8-9-10, das ist das Kürzel für 8 Uhr aufstehen, 9 Uhr frühstücken und 10 Uhr abfahren. Genauer gesagt, für mich war das um ½ 9 aufstehen. Mehr als eine halbe Stunde brauche ich ja nun wirklich nicht, um mich morgens zu kultivieren. Für heute hatten wir uns eine Tour ins Hochsauerland vorgenommen. Ich hatte die schon erwähnte Streckenplanung vom Verkehrsamt Höxter im Tankrucksack. Aber in Bad Arolsen stellte sich heraus, dass diese Streckenbeschreibung nicht so richtig exakt war. Laut dieser Karte sollte man von Bad Arolsen nach Massenhausen fahren. Aber nirgendwo fand ich ein Hinweisschild. Also irrten wir letztendlich im Industriegebiet dieser schönen Stadt herum. Als wir dann endlich die Stadt verlassen hatten, bemerkte ich nach einigen Kilometern, dass wir in der falschen Richtung unterwegs waren. Auf einem Parkplatz an der B 252 machte ich halt. Wir schauten gemeinsam die Karte an und ich zeichnete mir mit einem Markierungsstift auf meiner eigenen Karte den zu fahrenden Weg ein. Als wir nach Korbach hinein fuhren, mussten alle hinter mir fahrenden an einer Ampel anhalten. Ich wartete hinter dieser Ampel, am Beginn der Innenstadt auf meine Mitfahrer, aber es kam keiner. Nach einer ganzen Weile hielt ein Autofahrer an und meinte, dass die Anderen rechts abgebogen wären. Na Super, man hatte mir die Gefolgschaft verweigert. Ich kann Euch sagen, das war kein leichtes Unterfangen, aus der Innenstadt wieder heraus zu kommen, Einbahnstraßen eben. Ich machte mich nun auf, meine Mitfahrer zu suchen. Nach einer ganzen Weile fand ich sie dann an der Ausfallstraße in Richtung Winterberg. Gegenseitige Erklärungen folgten und wir machten uns auf, unsere Tour fortzusetzen. Ich suchte nach der Möglichkeit einer Pause und fand in Medebach ein Eiscafé direkt an der Hauptdurchgangsstraße. Das Eis war sehr lecker, unsere Sitzplätze an der viel befahrenen Straße weniger schön, dafür machten wir eine ausgiebige Pause. Unsere Fahrt ging weiter, vorbei an Winterberg nach Willingen. Hier in Willingen sah man deutlich, dass das ein Ort ist, in dem diverse Clubs, sei es Kegelclub, Fußballclubs oder andere, ihren Urlaub machen. Eine Kneipe neben der anderen. Wir hielten hier nicht an, sondern machten am Diemelsee eine kurze Zigarettenpause, umrundeten den See und erreichten am Nachmittag wieder Bad Arolsen. In fuhr in die Innenstadt und fand in unmittelbarer Nähe des barocken Schlosses ein sehr schönes Café. Draußen auf der Terrasse machten wir es uns gemütlich.

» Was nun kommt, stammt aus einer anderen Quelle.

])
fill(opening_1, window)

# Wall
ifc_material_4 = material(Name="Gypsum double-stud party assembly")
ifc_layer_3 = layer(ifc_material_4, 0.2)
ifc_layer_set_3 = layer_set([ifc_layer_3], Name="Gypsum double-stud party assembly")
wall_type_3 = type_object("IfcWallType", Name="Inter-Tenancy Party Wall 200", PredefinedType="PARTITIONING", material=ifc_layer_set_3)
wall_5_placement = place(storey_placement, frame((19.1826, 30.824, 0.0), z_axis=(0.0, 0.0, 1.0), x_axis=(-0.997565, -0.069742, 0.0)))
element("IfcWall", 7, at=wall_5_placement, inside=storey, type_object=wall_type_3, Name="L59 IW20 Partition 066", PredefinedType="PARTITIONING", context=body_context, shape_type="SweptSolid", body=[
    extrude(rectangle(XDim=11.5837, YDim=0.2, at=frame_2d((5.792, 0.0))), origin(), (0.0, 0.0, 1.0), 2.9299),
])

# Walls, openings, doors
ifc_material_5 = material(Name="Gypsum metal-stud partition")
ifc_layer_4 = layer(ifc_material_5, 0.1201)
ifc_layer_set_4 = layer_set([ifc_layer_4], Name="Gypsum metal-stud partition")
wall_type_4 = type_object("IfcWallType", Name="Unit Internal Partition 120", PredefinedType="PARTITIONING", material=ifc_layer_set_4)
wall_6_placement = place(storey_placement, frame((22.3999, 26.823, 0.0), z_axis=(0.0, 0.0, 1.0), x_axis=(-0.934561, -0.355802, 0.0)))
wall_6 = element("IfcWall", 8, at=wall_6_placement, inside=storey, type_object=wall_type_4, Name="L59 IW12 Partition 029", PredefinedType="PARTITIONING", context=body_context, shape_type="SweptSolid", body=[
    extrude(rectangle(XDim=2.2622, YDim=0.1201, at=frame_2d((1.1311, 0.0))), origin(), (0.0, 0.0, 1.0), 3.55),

Da wir noch kein Mittag gegessen hatten, bestellte sich Maggie eine Portion Kinderspaghetti. Ich glaube Marlies und Monika hatten sich Salat kredenzen lassen. Ich als ausgewiesener Kuchenfan bestellte mir ein Stück Flockensahne. Phantastisch schmeckte das Stück.

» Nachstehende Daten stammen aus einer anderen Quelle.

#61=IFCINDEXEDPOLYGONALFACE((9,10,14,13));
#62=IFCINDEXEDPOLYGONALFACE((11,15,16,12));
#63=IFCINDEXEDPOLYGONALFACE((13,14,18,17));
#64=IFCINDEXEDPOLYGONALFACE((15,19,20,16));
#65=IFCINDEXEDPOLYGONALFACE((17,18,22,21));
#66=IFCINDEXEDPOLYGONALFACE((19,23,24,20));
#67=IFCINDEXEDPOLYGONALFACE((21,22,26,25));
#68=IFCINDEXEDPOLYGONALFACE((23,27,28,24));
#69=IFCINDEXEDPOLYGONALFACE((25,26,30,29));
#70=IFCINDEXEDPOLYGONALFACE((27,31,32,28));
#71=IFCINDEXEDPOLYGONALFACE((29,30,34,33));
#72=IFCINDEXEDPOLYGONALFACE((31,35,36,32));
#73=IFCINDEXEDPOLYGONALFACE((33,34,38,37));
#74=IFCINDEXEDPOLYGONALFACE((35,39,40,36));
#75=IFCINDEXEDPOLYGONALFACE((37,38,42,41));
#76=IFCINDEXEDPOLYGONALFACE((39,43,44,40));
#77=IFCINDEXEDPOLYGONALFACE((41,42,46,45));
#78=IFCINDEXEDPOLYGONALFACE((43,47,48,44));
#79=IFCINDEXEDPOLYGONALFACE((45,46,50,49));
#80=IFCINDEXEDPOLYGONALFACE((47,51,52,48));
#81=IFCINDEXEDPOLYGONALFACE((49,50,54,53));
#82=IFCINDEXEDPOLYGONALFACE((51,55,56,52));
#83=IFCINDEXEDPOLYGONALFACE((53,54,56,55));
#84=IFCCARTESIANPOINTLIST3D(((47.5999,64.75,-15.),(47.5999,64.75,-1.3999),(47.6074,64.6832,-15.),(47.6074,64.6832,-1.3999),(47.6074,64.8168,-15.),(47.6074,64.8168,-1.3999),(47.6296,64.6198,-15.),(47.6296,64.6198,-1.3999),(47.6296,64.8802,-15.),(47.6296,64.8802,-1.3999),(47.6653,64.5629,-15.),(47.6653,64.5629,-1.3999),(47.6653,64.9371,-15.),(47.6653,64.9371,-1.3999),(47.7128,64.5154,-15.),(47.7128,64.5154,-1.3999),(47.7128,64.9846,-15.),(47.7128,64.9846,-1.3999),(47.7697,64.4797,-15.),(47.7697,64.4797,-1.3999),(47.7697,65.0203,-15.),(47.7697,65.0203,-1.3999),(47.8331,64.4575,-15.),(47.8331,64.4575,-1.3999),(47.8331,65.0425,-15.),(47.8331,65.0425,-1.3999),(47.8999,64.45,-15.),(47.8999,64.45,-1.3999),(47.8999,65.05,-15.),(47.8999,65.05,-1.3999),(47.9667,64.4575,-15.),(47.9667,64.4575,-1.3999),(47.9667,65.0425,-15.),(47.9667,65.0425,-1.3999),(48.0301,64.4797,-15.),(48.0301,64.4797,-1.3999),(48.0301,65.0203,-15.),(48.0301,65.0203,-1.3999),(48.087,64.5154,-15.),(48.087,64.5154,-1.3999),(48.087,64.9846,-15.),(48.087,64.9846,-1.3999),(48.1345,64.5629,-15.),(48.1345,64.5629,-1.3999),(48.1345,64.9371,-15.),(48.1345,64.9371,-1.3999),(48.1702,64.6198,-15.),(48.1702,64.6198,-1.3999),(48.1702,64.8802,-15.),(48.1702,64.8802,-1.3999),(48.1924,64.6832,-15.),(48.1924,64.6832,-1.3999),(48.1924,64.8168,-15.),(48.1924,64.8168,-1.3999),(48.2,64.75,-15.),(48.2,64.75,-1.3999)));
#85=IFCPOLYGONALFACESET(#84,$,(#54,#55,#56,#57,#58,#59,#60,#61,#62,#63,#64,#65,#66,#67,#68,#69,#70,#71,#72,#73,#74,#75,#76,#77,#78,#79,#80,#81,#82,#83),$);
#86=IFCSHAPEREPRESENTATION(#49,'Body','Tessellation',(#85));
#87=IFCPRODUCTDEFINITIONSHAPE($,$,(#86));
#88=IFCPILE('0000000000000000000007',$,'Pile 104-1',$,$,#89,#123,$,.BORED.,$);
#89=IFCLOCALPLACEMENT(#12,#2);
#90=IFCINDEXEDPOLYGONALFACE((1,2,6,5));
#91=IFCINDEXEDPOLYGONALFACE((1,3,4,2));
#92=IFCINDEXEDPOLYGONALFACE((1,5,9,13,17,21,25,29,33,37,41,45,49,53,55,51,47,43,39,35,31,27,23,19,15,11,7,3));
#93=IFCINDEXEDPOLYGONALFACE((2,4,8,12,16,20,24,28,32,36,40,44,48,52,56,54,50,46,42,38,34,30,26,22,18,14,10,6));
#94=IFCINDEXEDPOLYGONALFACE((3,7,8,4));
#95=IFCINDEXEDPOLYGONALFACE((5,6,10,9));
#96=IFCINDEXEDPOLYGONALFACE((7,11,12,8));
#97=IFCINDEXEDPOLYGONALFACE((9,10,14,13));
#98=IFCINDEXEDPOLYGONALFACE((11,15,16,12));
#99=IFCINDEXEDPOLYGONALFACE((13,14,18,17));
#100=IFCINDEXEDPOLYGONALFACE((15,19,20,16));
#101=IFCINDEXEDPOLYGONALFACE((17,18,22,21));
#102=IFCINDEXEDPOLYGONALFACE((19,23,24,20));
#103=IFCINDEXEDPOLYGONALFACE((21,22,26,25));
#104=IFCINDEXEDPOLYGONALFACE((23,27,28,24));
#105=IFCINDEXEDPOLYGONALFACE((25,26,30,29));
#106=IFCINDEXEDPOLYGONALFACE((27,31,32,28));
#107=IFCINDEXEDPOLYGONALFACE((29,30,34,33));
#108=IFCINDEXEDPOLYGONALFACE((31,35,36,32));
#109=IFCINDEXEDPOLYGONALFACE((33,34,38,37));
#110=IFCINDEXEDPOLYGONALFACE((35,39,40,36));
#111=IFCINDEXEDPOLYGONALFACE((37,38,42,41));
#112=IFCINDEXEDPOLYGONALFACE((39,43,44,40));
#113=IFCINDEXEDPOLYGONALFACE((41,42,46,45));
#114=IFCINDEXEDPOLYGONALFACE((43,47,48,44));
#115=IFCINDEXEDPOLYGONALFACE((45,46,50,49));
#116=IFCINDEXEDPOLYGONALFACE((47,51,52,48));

Nach der entspannenden Pause ging es weiter bis Warburg. Eigentlich wäre diese schöne Stadt auch einen Halt wert gewesen, aber wir fuhren weiter. Wolfgang und Monika hatten am Tag zuvor noch eine kleine Abendtour unternommen und führten uns jetzt. Erwin und Maggie verabschiedeten sich an der Weser in Richtung Hotel. In Oberweser hielten wir noch mal auf eine Cola an und erreichten dann über eine sehr schöne Strecke, rechts entlang der Weser, gegen 17:30 h unsere Unterkunft. Das gleiche Ritual, 1. Helm aus, 2. Bier, bzw. BMW, 3. duschen, 4. Abendbrot.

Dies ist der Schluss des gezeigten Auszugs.